Por que isso importa para todos nós?
São Paulo não é só uma cidade. É um organismo vivo, movido por transporte. Quando o ônibus para, o coração da cidade bate mais devagar. Quando os motoristas param, é porque o sistema falhou. Não com eles. Com todos nós. A greve não é um problema de sindicato. É um problema de cidade. E a pergunta que fica é: até quando vamos tratar o transporte público como um privilégio, e não como um direito básico?Frequently Asked Questions
Como a greve afetou os moradores da Zona Norte?
A Zona Norte foi a mais atingida, com 39 linhas da Sambaíba totalmente paralisadas. Moradores de bairros como Tremembé, Jaçanã e Perus tiveram que caminhar até 8 km para chegar a pontos de ônibus alternativos ou usar aplicativos de transporte, que triplicaram os preços. Muitos idosos e pessoas com deficiência ficaram isolados, sem acesso a serviços essenciais como farmácias e postos de saúde.
Por que a Sambaíba foi alvo da greve?
A Sambaíba é uma das maiores concessionárias da Zona Norte, com mais de 600 ônibus e 1.200 funcionários. Nos últimos dois anos, a empresa não reajustou salários conforme o IPCA, e os motoristas relatam jornadas de até 14 horas sem folga. Em abril, já havia sido multada pela SPTrans por interrupção parcial — o que gerou revolta entre os trabalhadores, que sentiram que a punição foi injusta, enquanto a empresa lucrou.
Qual foi o papel do SP1 na cobertura da greve?
O programa SP1 dedicou 67 minutos à cobertura em tempo real, com reportagens exclusivas nos terminais Parque Dom Pedro, Pinheiros, Capelinha e Campo Limpo. O jornalismo detalhado, com imagens de conflitos e entrevistas com motoristas, transformou a greve de um evento local em uma crise nacional, pressionando autoridades a responderem publicamente — algo raro em paralisações anteriores.
Existe algum precedente de greve tão ampla em São Paulo?
A última greve de ônibus com impacto semelhante ocorreu em 2023, quando 15 dias de paralisação afetaram 8 milhões de pessoas. Mas desta vez, a greve foi mais rápida, mais organizada e teve maior apoio popular — inclusive de moradores que pintaram ruas de verde e amarelo. Isso mostra uma mudança cultural: a população já não vê o transporte público como um serviço que pode ser interrompido, mas como um direito que não se negocia.
Quem são os responsáveis pela negociação atual?
As negociações estão entre o SindMotoristas, a SPTrans e as empresas concessionárias, incluindo a Sambaíba.
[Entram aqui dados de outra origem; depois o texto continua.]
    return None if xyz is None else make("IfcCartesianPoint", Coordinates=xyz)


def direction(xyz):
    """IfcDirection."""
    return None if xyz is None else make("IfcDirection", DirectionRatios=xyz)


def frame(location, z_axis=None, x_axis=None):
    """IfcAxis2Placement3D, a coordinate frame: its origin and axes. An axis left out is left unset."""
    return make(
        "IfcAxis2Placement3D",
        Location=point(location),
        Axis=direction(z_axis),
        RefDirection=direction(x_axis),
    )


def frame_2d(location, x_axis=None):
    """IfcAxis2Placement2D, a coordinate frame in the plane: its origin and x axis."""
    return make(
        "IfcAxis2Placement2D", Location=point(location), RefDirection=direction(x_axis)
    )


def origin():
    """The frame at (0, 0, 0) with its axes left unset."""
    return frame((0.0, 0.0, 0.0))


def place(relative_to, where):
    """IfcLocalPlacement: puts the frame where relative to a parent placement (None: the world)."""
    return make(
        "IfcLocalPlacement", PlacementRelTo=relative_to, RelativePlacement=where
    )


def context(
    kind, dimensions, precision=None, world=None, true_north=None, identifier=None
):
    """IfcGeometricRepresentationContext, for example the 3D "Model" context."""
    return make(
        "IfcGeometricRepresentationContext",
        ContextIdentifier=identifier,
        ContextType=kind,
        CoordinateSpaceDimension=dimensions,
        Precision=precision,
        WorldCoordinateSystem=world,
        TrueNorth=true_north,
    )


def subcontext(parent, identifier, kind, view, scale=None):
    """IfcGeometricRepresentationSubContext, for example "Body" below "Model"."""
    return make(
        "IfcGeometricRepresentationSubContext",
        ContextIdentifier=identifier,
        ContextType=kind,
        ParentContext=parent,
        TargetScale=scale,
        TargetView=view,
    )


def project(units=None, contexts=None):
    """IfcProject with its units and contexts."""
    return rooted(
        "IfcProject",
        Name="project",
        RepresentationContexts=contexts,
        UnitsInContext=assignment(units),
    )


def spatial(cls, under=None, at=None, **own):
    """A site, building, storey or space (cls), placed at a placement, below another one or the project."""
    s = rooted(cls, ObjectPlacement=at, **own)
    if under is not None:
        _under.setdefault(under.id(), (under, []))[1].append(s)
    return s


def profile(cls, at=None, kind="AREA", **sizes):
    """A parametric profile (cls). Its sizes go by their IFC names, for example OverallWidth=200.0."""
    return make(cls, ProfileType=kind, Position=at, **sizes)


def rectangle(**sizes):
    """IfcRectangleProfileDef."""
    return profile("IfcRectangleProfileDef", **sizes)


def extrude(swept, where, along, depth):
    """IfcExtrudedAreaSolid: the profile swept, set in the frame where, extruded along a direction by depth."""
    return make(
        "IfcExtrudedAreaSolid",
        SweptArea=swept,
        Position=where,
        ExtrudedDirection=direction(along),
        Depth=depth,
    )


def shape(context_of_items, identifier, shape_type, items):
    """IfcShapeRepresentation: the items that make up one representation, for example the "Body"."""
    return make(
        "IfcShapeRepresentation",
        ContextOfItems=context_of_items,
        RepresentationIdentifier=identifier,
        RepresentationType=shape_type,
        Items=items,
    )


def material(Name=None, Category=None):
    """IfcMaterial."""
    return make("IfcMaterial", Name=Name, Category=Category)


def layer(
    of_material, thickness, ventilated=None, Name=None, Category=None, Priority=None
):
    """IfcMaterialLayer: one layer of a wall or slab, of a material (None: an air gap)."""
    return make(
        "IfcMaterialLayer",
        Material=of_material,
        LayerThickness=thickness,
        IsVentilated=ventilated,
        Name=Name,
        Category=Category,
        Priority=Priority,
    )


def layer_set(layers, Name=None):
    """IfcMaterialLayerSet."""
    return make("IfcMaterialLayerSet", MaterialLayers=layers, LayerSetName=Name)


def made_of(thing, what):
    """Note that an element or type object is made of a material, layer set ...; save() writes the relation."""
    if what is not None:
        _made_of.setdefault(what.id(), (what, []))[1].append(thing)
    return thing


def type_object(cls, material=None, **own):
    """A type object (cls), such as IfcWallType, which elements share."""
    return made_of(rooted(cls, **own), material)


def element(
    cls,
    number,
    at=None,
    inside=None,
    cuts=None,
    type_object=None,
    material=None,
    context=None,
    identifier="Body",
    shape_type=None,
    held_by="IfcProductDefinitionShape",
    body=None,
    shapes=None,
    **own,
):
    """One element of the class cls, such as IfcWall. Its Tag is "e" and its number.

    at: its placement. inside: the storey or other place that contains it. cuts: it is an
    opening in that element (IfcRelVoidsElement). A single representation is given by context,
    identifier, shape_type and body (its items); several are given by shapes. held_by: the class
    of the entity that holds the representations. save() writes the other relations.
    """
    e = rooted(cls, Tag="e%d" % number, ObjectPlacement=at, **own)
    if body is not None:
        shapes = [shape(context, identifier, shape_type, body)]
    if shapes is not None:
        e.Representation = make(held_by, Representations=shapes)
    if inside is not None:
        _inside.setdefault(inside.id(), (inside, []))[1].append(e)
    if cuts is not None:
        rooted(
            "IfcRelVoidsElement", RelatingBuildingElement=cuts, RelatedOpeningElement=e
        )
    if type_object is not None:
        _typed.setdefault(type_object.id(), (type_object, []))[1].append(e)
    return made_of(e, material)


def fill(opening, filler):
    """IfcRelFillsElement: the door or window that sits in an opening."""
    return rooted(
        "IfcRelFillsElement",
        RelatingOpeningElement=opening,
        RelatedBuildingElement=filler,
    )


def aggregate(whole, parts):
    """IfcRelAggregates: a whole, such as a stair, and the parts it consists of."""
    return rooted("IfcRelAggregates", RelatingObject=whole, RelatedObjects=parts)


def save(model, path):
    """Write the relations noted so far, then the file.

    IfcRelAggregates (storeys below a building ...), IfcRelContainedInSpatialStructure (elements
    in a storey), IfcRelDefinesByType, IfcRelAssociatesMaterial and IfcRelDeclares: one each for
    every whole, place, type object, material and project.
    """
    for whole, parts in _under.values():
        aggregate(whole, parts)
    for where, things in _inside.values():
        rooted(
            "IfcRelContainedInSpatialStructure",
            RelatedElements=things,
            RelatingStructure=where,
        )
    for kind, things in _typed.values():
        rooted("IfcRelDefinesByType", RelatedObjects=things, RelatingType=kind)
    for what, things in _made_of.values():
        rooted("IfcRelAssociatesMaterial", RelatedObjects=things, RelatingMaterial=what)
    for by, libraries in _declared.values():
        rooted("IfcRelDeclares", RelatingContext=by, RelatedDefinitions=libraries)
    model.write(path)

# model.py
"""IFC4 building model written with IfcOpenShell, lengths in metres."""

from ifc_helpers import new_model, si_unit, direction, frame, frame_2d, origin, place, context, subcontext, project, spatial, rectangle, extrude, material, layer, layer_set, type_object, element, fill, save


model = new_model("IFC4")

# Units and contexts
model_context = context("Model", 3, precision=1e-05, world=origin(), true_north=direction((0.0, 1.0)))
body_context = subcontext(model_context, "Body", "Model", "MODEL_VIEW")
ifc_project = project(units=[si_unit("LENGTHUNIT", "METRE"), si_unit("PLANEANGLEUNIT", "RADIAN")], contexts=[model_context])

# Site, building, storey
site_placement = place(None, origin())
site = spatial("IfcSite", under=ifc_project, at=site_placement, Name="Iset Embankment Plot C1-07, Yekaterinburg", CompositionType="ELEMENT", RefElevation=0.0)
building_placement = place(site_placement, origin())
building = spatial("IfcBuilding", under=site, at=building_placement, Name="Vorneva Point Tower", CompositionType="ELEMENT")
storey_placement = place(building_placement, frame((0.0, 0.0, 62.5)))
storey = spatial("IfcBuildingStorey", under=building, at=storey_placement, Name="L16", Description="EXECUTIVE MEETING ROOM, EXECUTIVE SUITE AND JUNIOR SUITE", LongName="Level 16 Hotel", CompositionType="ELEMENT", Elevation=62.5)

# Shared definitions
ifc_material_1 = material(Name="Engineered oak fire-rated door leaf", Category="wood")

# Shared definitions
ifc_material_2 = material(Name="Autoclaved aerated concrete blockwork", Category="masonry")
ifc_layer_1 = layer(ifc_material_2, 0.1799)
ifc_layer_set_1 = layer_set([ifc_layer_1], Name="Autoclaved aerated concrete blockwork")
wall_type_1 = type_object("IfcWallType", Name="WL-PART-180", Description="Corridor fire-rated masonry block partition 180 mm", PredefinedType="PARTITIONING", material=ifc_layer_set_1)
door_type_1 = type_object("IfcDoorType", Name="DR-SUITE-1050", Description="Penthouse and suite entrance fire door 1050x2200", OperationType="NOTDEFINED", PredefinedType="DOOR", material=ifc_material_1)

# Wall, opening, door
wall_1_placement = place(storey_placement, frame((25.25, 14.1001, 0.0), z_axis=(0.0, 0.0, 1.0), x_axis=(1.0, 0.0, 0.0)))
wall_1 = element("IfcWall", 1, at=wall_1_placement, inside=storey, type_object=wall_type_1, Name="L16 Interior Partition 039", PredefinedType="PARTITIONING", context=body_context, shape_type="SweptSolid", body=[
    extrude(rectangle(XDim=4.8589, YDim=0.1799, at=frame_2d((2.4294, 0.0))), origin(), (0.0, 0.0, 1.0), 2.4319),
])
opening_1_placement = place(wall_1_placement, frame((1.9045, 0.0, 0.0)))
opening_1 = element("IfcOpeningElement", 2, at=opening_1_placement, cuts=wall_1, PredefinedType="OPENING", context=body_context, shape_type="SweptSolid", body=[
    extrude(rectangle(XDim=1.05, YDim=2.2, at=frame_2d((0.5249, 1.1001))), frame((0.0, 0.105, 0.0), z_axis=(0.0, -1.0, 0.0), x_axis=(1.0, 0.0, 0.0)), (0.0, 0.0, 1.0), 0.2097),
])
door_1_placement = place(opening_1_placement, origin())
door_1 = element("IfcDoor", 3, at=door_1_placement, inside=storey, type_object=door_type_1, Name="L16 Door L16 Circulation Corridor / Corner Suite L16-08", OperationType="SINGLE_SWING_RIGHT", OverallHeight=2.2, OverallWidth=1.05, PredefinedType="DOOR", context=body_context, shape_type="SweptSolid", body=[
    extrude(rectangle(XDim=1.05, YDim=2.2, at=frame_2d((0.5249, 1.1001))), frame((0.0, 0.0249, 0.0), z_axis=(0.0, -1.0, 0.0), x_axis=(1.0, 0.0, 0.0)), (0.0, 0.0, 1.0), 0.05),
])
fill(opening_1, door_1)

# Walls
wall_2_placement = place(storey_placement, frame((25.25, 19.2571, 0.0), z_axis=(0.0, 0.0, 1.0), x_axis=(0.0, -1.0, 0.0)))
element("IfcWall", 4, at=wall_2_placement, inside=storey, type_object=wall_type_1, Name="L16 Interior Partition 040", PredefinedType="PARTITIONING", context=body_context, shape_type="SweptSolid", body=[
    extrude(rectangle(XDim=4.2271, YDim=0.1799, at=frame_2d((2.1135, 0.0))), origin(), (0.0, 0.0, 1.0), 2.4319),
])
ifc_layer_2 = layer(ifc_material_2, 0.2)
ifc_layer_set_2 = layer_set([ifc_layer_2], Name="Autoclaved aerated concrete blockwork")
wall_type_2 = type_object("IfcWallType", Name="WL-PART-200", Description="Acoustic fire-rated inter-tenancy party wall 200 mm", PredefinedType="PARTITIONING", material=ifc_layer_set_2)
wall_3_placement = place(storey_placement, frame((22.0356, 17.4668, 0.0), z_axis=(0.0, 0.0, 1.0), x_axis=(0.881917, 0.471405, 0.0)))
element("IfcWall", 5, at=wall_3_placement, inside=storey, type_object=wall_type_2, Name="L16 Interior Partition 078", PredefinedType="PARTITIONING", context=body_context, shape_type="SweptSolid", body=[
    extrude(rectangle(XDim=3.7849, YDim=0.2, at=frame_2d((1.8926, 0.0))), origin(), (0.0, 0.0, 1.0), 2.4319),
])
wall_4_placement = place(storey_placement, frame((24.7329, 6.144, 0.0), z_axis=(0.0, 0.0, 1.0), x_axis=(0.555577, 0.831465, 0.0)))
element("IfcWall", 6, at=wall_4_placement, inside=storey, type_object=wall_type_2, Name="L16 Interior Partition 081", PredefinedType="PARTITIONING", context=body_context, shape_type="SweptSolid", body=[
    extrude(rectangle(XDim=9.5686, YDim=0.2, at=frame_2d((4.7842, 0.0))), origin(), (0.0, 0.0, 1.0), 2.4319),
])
A prefeitura, por meio da Secretaria de Mobilidade Urbana, atua como mediadora, mas não tem poder de impor reajustes. A decisão final depende de acordo entre os sindicatos e as empresas — o que torna o processo lento e, muitas vezes, injusto para os trabalhadores.
O que os passageiros podem fazer agora?
Além de se manter informado pelos canais oficiais da SPTrans, os passageiros podem participar de audiências públicas, assinar petições e pressionar vereadores a aprovarem leis que garantam reajustes automáticos de salários vinculados à inflação. A mobilização cívica é o único caminho para evitar que a próxima greve seja ainda mais devastadora — e mais necessária.